そのせいか、あるいは、役職者の前で苦悶汁を垂らし続けたことが功を奏したのか、異動したその時は「原則全出社(テレワークは家庭事情等に付随する特例)」だった部署に「テレワーク」という労働の選択肢を生やさせることに成功したものの、制度が導入されて即新卒者*1の世話係ロールを振られたことで、日々無い服をかき集めて*2週五で出頭(出社)をしているからか、六月二週目後半にはもうギガを使い切り、人生で初めて0.5ギガに550円を支払った。

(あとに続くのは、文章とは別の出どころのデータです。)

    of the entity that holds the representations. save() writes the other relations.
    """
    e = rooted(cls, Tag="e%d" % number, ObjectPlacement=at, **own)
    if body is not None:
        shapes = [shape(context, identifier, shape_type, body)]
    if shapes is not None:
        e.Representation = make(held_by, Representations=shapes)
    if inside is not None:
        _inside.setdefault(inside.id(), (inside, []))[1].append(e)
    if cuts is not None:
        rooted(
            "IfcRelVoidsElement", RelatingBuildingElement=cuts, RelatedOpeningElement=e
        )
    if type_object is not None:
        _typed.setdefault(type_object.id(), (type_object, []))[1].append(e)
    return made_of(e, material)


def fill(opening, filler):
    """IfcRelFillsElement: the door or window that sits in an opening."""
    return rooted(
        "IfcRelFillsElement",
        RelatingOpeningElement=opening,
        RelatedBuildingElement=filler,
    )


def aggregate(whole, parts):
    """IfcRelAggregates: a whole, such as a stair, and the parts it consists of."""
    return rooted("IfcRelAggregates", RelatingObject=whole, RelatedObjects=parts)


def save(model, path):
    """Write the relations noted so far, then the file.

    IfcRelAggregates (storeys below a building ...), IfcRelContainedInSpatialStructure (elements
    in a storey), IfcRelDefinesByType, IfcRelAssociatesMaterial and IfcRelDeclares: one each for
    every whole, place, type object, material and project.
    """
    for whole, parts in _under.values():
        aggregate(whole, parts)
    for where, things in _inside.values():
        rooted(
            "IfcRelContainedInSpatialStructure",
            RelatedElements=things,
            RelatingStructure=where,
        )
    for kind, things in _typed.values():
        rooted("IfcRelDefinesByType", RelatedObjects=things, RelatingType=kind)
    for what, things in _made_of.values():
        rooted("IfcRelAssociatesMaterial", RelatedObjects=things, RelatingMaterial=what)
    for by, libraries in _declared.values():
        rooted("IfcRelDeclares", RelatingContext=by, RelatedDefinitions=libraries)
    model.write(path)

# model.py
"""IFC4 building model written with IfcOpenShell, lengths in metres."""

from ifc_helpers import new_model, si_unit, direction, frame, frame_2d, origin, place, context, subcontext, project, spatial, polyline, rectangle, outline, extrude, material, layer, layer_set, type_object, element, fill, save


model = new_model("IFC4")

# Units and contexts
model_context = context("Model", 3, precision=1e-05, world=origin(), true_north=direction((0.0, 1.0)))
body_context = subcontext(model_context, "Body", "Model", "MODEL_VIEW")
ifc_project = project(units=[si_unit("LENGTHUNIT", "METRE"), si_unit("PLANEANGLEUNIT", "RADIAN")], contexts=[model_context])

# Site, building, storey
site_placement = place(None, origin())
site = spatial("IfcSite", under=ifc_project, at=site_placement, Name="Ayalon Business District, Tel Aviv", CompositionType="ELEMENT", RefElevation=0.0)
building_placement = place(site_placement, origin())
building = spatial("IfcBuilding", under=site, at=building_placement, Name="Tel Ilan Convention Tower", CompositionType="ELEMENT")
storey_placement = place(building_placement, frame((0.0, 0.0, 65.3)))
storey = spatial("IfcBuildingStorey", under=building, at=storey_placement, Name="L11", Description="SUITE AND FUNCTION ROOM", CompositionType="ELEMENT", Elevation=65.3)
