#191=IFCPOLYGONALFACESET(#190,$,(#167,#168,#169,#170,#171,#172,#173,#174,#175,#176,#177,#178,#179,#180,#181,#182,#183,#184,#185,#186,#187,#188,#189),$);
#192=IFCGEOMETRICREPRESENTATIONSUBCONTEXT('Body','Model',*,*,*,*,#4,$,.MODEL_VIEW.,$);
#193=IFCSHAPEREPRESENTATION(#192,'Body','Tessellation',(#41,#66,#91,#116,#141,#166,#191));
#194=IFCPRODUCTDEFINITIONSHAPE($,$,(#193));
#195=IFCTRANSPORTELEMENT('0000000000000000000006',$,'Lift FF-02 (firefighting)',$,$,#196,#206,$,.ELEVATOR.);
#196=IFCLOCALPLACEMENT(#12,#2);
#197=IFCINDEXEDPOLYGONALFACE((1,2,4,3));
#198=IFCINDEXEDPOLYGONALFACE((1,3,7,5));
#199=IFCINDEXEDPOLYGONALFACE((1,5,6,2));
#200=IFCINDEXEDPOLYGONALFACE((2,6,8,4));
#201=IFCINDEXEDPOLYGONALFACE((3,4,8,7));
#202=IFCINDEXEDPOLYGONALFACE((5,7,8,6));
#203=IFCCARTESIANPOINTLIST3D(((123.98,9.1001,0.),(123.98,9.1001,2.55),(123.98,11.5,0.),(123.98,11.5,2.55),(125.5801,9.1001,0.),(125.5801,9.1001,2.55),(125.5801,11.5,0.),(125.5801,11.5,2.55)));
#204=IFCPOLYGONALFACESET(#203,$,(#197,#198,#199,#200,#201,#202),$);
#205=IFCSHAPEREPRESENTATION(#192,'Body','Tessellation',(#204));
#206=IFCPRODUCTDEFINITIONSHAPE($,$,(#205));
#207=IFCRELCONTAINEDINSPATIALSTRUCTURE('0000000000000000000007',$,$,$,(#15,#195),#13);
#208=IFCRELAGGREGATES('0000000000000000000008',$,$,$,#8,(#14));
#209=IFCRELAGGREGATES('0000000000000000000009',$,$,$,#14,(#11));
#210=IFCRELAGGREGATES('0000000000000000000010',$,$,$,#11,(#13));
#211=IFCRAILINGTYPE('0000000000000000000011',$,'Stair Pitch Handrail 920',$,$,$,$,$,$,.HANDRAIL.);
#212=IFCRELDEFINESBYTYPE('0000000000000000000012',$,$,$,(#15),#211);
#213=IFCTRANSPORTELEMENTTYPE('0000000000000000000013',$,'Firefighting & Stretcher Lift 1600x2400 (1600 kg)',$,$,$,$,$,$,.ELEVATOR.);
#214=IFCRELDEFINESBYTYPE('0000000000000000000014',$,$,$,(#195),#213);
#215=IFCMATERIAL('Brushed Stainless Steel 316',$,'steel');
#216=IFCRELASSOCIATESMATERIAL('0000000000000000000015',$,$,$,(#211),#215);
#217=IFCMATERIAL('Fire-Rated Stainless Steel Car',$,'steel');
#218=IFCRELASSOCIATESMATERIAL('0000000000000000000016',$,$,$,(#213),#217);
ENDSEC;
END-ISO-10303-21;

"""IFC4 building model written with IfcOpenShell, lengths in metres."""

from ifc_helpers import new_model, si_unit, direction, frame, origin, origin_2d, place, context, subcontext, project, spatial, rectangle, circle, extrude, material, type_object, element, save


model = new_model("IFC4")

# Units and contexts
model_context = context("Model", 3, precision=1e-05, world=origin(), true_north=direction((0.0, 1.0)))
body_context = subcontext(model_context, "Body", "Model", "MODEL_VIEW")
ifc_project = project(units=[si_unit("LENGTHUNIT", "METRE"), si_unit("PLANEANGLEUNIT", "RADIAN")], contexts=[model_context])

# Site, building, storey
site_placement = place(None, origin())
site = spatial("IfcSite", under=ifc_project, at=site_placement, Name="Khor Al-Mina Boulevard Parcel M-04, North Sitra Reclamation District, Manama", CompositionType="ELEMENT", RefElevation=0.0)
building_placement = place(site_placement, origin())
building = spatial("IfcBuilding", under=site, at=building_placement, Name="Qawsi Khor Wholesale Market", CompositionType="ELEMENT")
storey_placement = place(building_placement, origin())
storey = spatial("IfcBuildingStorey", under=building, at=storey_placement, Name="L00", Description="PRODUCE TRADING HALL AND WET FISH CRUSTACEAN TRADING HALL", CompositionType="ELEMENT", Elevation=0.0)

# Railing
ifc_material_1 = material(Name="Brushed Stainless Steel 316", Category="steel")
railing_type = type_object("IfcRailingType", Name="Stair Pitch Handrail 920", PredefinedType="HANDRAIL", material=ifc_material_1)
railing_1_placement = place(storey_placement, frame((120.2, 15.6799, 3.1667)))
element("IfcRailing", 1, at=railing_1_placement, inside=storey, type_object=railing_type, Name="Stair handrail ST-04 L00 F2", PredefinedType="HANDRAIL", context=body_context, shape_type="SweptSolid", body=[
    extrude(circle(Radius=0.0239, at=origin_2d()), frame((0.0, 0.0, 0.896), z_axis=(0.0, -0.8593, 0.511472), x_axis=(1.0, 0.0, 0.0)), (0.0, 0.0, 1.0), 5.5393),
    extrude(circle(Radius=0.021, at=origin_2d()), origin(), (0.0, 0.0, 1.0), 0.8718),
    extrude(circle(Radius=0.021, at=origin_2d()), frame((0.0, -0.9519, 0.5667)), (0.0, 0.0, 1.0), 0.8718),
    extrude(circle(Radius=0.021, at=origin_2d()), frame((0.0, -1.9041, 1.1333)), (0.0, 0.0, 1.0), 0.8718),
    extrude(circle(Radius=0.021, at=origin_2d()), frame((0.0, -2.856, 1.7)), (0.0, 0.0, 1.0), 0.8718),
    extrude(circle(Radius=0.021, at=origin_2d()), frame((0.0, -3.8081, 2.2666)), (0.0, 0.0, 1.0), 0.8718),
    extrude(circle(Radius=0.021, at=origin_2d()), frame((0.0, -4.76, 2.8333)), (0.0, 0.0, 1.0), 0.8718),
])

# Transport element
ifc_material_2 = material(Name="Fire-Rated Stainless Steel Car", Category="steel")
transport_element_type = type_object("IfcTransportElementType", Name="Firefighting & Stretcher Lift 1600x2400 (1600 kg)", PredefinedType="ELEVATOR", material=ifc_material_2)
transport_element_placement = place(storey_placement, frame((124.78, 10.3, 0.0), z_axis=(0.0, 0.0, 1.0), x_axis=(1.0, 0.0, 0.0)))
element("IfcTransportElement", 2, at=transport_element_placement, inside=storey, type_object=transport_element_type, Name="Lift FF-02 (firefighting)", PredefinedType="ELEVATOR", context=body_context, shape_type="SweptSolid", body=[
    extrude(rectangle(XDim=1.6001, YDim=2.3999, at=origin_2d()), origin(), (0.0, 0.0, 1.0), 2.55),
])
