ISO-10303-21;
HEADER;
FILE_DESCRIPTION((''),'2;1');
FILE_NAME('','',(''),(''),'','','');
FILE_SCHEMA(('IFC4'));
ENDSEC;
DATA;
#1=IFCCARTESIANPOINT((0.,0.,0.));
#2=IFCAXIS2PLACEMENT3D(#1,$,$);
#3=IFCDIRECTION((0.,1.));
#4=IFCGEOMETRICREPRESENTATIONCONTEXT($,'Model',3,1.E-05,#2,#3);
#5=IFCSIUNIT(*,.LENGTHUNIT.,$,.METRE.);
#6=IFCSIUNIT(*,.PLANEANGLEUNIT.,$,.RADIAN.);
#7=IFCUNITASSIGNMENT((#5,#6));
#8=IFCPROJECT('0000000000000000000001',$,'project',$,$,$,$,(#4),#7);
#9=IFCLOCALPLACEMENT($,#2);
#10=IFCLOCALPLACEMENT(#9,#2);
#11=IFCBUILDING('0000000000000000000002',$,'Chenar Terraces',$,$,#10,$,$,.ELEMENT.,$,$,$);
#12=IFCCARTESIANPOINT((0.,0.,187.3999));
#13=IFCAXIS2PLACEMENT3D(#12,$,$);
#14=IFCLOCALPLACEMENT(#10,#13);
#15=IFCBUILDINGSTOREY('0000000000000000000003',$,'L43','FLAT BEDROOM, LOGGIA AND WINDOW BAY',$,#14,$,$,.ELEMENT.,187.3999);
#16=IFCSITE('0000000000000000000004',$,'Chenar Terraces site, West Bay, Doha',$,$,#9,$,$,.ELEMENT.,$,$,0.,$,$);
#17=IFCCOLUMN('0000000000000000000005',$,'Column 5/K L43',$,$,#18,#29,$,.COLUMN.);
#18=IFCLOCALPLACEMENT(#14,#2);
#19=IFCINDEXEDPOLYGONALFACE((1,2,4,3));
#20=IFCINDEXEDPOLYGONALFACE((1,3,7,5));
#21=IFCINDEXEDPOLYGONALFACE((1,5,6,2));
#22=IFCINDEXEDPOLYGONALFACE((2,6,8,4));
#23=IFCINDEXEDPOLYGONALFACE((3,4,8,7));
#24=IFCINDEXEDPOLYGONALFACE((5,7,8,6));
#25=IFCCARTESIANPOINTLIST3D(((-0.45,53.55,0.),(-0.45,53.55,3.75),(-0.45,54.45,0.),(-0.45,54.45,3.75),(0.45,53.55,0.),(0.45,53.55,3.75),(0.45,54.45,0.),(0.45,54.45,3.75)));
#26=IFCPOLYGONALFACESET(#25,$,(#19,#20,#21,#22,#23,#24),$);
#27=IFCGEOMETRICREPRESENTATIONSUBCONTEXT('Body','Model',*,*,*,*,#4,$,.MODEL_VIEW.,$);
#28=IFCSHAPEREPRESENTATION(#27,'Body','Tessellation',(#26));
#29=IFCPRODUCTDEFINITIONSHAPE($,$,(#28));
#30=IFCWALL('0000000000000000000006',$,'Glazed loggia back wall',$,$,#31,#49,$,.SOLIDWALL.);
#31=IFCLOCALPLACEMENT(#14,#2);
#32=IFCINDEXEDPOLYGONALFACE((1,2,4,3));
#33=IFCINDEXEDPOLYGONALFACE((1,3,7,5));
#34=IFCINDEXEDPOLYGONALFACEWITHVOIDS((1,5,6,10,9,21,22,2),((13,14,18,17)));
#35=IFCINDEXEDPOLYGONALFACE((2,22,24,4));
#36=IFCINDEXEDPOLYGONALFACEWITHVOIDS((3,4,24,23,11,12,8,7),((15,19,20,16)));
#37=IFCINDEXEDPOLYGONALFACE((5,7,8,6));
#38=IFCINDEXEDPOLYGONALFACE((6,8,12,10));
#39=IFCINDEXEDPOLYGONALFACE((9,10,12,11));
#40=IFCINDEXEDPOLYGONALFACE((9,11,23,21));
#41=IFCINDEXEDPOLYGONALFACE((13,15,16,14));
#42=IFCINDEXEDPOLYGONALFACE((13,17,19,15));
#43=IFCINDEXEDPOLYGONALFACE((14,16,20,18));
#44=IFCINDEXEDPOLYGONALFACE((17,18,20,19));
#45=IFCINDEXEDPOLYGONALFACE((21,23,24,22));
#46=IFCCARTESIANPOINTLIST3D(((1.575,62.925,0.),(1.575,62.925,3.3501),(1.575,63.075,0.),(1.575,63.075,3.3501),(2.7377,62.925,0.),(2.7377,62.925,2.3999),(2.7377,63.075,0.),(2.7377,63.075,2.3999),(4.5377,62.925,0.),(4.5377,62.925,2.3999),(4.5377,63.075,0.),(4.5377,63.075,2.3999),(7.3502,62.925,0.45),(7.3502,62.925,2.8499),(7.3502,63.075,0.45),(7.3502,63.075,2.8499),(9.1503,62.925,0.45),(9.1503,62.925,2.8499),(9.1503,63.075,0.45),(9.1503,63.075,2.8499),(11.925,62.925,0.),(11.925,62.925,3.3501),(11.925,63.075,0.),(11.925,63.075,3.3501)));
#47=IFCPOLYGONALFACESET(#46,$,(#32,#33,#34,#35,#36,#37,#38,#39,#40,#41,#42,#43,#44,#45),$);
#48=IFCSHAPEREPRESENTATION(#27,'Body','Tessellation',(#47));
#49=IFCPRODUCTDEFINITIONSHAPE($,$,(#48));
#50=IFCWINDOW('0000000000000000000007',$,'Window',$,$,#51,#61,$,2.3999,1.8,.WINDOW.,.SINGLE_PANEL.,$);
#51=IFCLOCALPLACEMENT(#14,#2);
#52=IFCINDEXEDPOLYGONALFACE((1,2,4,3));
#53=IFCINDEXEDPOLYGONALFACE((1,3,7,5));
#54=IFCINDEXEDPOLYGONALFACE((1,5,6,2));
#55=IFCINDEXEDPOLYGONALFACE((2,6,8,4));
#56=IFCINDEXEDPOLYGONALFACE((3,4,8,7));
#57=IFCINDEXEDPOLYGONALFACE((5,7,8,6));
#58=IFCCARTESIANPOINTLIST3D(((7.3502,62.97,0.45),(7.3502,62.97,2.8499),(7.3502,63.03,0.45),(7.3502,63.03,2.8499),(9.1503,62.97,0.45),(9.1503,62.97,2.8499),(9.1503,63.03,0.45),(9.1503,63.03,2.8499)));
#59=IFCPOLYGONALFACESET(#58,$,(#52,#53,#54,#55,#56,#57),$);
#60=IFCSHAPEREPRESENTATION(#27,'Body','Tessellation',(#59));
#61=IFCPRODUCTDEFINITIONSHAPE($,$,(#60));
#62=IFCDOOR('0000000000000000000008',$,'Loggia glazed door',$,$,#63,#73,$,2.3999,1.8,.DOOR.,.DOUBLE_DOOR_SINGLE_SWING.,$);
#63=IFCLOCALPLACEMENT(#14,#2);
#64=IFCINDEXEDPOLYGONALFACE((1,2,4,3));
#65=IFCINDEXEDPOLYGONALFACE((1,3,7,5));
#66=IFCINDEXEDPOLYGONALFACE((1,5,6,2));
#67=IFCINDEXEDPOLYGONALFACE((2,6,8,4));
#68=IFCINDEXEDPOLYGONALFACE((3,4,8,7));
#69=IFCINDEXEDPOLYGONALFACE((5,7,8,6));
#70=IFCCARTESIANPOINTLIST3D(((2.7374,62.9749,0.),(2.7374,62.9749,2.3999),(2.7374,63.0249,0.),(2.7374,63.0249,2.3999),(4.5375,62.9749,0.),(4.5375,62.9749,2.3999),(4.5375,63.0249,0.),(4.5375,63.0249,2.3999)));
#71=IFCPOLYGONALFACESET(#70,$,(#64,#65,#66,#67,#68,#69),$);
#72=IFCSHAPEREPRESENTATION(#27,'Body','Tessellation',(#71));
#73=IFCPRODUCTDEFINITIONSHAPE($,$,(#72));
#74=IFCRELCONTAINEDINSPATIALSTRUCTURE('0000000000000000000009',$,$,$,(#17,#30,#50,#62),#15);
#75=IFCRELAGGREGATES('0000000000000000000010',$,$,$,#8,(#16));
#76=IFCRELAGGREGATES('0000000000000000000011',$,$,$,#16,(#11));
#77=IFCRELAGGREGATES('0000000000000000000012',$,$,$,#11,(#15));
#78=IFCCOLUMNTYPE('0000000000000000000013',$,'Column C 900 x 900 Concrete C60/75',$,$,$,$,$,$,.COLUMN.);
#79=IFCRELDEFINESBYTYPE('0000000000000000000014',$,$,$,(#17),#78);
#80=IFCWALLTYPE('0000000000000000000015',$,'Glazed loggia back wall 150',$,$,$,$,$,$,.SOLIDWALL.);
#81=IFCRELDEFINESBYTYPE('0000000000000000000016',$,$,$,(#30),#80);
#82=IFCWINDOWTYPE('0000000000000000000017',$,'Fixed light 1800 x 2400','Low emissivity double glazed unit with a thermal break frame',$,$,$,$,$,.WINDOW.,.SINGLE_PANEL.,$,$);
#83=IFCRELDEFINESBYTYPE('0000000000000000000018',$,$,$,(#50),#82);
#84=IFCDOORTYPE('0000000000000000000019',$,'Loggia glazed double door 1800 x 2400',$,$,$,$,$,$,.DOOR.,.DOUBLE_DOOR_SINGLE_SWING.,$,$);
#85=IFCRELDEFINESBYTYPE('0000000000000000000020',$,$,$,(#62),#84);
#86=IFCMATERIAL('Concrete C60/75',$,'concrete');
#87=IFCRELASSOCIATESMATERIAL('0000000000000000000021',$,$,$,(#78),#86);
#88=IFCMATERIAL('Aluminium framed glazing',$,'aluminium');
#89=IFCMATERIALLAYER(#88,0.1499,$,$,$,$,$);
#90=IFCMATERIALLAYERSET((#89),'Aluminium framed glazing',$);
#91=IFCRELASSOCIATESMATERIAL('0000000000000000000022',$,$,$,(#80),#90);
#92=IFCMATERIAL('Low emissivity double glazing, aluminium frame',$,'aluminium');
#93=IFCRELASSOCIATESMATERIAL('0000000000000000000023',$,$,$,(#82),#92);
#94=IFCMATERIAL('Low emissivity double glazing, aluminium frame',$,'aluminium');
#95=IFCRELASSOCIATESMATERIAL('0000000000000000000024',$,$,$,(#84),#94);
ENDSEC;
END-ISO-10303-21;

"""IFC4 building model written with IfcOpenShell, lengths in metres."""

from ifc_helpers import new_model, si_unit, direction, frame, frame_2d, origin, origin_2d, place, context, subcontext, project, spatial, rectangle, extrude, material, layer, layer_set, material_profile, profile_set, type_object, element, fill, save


model = new_model("IFC4")

# Units and contexts
model_context = context("Model", 3, precision=1e-05, world=origin(), true_north=direction((0.0, 1.0)))
body_context = subcontext(model_context, "Body", "Model", "MODEL_VIEW")
ifc_project = project(units=[si_unit("LENGTHUNIT", "METRE"), si_unit("PLANEANGLEUNIT", "RADIAN")], contexts=[model_context])

# Site, building, storey
site_placement = place(None, origin())
site = spatial("IfcSite", under=ifc_project, at=site_placement, Name="Chenar Terraces site, West Bay, Doha", CompositionType="ELEMENT", RefElevation=0.0)
building_placement = place(site_placement, origin())
building = spatial("IfcBuilding", under=site, at=building_placement, Name="Chenar Terraces", CompositionType="ELEMENT")
storey_placement = place(building_placement, frame((0.0, 0.0, 187.3999)))
storey = spatial("IfcBuildingStorey", under=building, at=storey_placement, Name="L43", Description="FLAT BEDROOM, LOGGIA AND WINDOW BAY", CompositionType="ELEMENT", Elevation=187.3999)

# Column
ifc_material_1 = material(Name="Concrete C60/75", Category="concrete")
ifc_material_profile_1 = material_profile(ifc_material_1, rectangle(XDim=0.8999, YDim=0.8999, at=origin_2d()), Name="C 900 x 900")
ifc_profile_set_1 = profile_set([ifc_material_profile_1], Name="Concrete C60/75")
column_type = type_object("IfcColumnType", Name="Column C 900 x 900 Concrete C60/75", PredefinedType="COLUMN", material=ifc_profile_set_1)
column_placement = place(storey_placement, frame((0.0, 54.0, 0.0), z_axis=(0.0, 0.0, 1.0), x_axis=(1.0, 0.0, 0.0)))
element("IfcColumn", 1, at=column_placement, inside=storey, type_object=column_type, Name="Column 5/K L43", PredefinedType="COLUMN", context=body_context, shape_type="SweptSolid", body=[
    extrude(rectangle(XDim=0.8999, YDim=0.8999, at=origin_2d()), origin(), (0.0, 0.0, 1.0), 3.75),
])

# Wall, openings, window, door
ifc_material_2 = material(Name="Aluminium framed glazing", Category="aluminium")
ifc_layer_1 = layer(ifc_material_2, 0.1499)
ifc_layer_set_1 = layer_set([ifc_layer_1], Name="Aluminium framed glazing")
wall_type_1 = type_object("IfcWallType", Name="Glazed loggia back wall 150", PredefinedType="SOLIDWALL", material=ifc_layer_set_1)
wall_1_placement = place(storey_placement, frame((11.925, 63.0, 0.0), z_axis=(0.0, 0.0, 1.0), x_axis=(-1.0, 0.0, 0.0)))
wall_1 = element("IfcWall", 2, at=wall_1_placement, inside=storey, type_object=wall_type_1, Name="Glazed loggia back wall", PredefinedType="SOLIDWALL", context=body_context, shape_type="SweptSolid", body=[
    extrude(rectangle(XDim=10.3501, YDim=0.1499, at=frame_2d((5.175, 0.0))), origin(), (0.0, 0.0, 1.0), 3.3501),
])
opening_1_placement = place(wall_1_placement, frame((2.7749, 0.0, 0.45)))
opening_1 = element("IfcOpeningElement", 3, at=opening_1_placement, cuts=wall_1, PredefinedType="OPENING", context=body_context, shape_type="SweptSolid", body=[
    extrude(rectangle(XDim=1.8, YDim=2.3999, at=frame_2d((0.8999, 1.2))), frame((0.0, 0.085, 0.0), z_axis=(0.0, -1.0, 0.0), x_axis=(1.0, 0.0, 0.0)), (0.0, 0.0, 1.0), 0.1699),
])
opening_2_placement = place(wall_1_placement, frame((7.3875, 0.0, 0.0)))
opening_2 = element("IfcOpeningElement", 4, at=opening_2_placement, cuts=wall_1, PredefinedType="OPENING", context=body_context, shape_type="SweptSolid", body=[
    extrude(rectangle(XDim=1.8, YDim=2.3999, at=frame_2d((0.8999, 1.2))), frame((0.0, 0.085, 0.0), z_axis=(0.0, -1.0, 0.0), x_axis=(1.0, 0.0, 0.0)), (0.0, 0.0, 1.0), 0.1699),
])
ifc_material_3 = material(Name="Low emissivity double glazing, aluminium frame", Category="aluminium")
window_type_1 = type_object("IfcWindowType", Name="Fixed light 1800 x 2400", Description="Low emissivity double glazed unit with a thermal break frame", PartitioningType="SINGLE_PANEL", PredefinedType="WINDOW", material=ifc_material_3)
window_1_placement = place(opening_1_placement, origin())
window_1 = element("IfcWindow", 5, at=window_1_placement, inside=storey, type_object=window_type_1, Name="Window", OverallHeight=2.3999, OverallWidth=1.8, PartitioningType="SINGLE_PANEL", PredefinedType="WINDOW", context=body_context, shape_type="SweptSolid", body=[
    extrude(rectangle(XDim=1.8, YDim=2.3999, at=frame_2d((0.8999, 1.2))), frame((0.0, 0.03, 0.0), z_axis=(0.0, -1.0, 0.0), x_axis=(1.0, 0.0, 0.0)), (0.0, 0.0, 1.0), 0.0601),
])
fill(opening_1, window_1)
ifc_material_4 = material(Name="Low emissivity double glazing, aluminium frame", Category="aluminium")
door_type_1 = type_object("IfcDoorType", Name="Loggia glazed double door 1800 x 2400", OperationType="DOUBLE_DOOR_SINGLE_SWING", PredefinedType="DOOR", material=ifc_material_4)
door_1_placement = place(opening_2_placement, frame((1.8, 0.0, 0.0), z_axis=(0.0, 0.0, 1.0), x_axis=(-1.0, 0.0, 0.0)))
door_1 = element("IfcDoor", 6, at=door_1_placement, inside=storey, type_object=door_type_1, Name="Loggia glazed door", OperationType="DOUBLE_DOOR_SINGLE_SWING", OverallHeight=2.3999, OverallWidth=1.8, PredefinedType="DOOR", context=body_context, shape_type="SweptSolid", body=[
    extrude(rectangle(XDim=1.8, YDim=2.3999, at=frame_2d((0.8999, 1.2))), frame((0.0, 0.0249, 0.0), z_axis=(0.0, -1.0, 0.0), x_axis=(1.0, 0.0, 0.0)), (0.0, 0.0, 1.0), 0.05),
])
fill(opening_2, door_1)

save(model, "model.ifc")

それが今さっき、切れた。6月に入って二度目の低速モード。ここからまた月が替わって通信料がリセットされるまでの間に、1回の出張と1回の遠出、そしておよそ14回の出勤がある。君たちはどう生きるか。

 

 

 

今のピクミンブルーム、推定植物*3がガチ植物被ってるのが面白過ぎて、私は今通信速度だけでなくピクミンブルーム本体にも課金している。

そんで鬼のように被りまくる

 

ネットの通信制限が掛かって、出頭(出勤)と釈放(退勤)の間にある通勤時間中にTwitterを観たりpixivを観たり電子書籍を読んだりピクミンブルームを起動したりできないので、満員電車に一緒に詰め込まれている人間が私の鼻先で、これ見よがしに高速通信を享受しているその画面を眺めるか、さもなくば、長らく捗っていなかった読書が捗っている。

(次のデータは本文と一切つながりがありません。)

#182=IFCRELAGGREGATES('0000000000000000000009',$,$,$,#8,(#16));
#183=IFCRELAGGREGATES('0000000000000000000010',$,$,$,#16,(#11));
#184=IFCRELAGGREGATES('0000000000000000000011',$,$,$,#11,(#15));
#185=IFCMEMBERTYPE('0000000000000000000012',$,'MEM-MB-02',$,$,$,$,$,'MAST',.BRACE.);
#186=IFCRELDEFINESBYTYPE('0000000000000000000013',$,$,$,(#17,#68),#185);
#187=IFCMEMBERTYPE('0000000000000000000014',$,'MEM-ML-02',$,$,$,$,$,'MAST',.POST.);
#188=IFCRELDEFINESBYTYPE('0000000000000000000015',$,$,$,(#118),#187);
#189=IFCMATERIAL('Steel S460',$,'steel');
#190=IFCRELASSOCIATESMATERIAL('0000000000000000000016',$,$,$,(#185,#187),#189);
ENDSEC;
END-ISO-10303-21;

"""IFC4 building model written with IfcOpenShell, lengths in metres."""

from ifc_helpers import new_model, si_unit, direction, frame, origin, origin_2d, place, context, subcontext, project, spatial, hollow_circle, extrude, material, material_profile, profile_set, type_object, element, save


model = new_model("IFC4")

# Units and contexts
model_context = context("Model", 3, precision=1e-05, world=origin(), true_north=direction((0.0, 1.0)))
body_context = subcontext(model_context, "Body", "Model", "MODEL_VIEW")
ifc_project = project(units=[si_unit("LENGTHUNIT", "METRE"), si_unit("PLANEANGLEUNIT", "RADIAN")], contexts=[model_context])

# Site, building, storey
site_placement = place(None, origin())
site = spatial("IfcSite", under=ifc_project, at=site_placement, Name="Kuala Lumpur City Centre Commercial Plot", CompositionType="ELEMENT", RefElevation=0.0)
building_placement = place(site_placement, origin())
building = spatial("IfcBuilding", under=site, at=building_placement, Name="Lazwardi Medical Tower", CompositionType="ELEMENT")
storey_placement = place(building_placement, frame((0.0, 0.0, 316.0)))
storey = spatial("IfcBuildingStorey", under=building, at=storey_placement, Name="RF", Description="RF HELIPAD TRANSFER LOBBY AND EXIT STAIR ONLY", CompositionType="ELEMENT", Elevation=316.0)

とはいえ社屋まで持ち歩く本というのは、何でもかんでも突っ込んでいる出勤バックの中で擦り切れボロボロになっていくものなので、お友達から借りていている大事な本は、全然読み進められていない。

 

以下読んだ本の話をします。

ストーリーの核心部には触れないよう主観的には配慮をしていますが、絶対にそういうの見たくない人は注意してください。

 

 

くろきすがや『感染領域』宝島社(2018)

 

ニュースで聞き覚えがある感じの単語が組み合わさってストーリーが展開されるので、読み進めるにあたって「ここ進研ゼミでやったところだ!」という類の快感がある。こういう小説書けたら凄い気持ちが良いだろうな枠。

 

そういう感じで、面白い話だったんですけど、なんか、主人公の男が、登場したキーマンの女とことごとく肉体関係を持つ。前触れのない肉体関係のシーンが多分二回~三回? それぐらい挟まるので、ベッドシーンの心構えなく急に交尾を開陳されたこちらとしては、結構驚く。一体どうして、このたった数行で番い始めるんですか? ここの数行の中になんかの媚薬とか仕込まれてました? たまげたなあ。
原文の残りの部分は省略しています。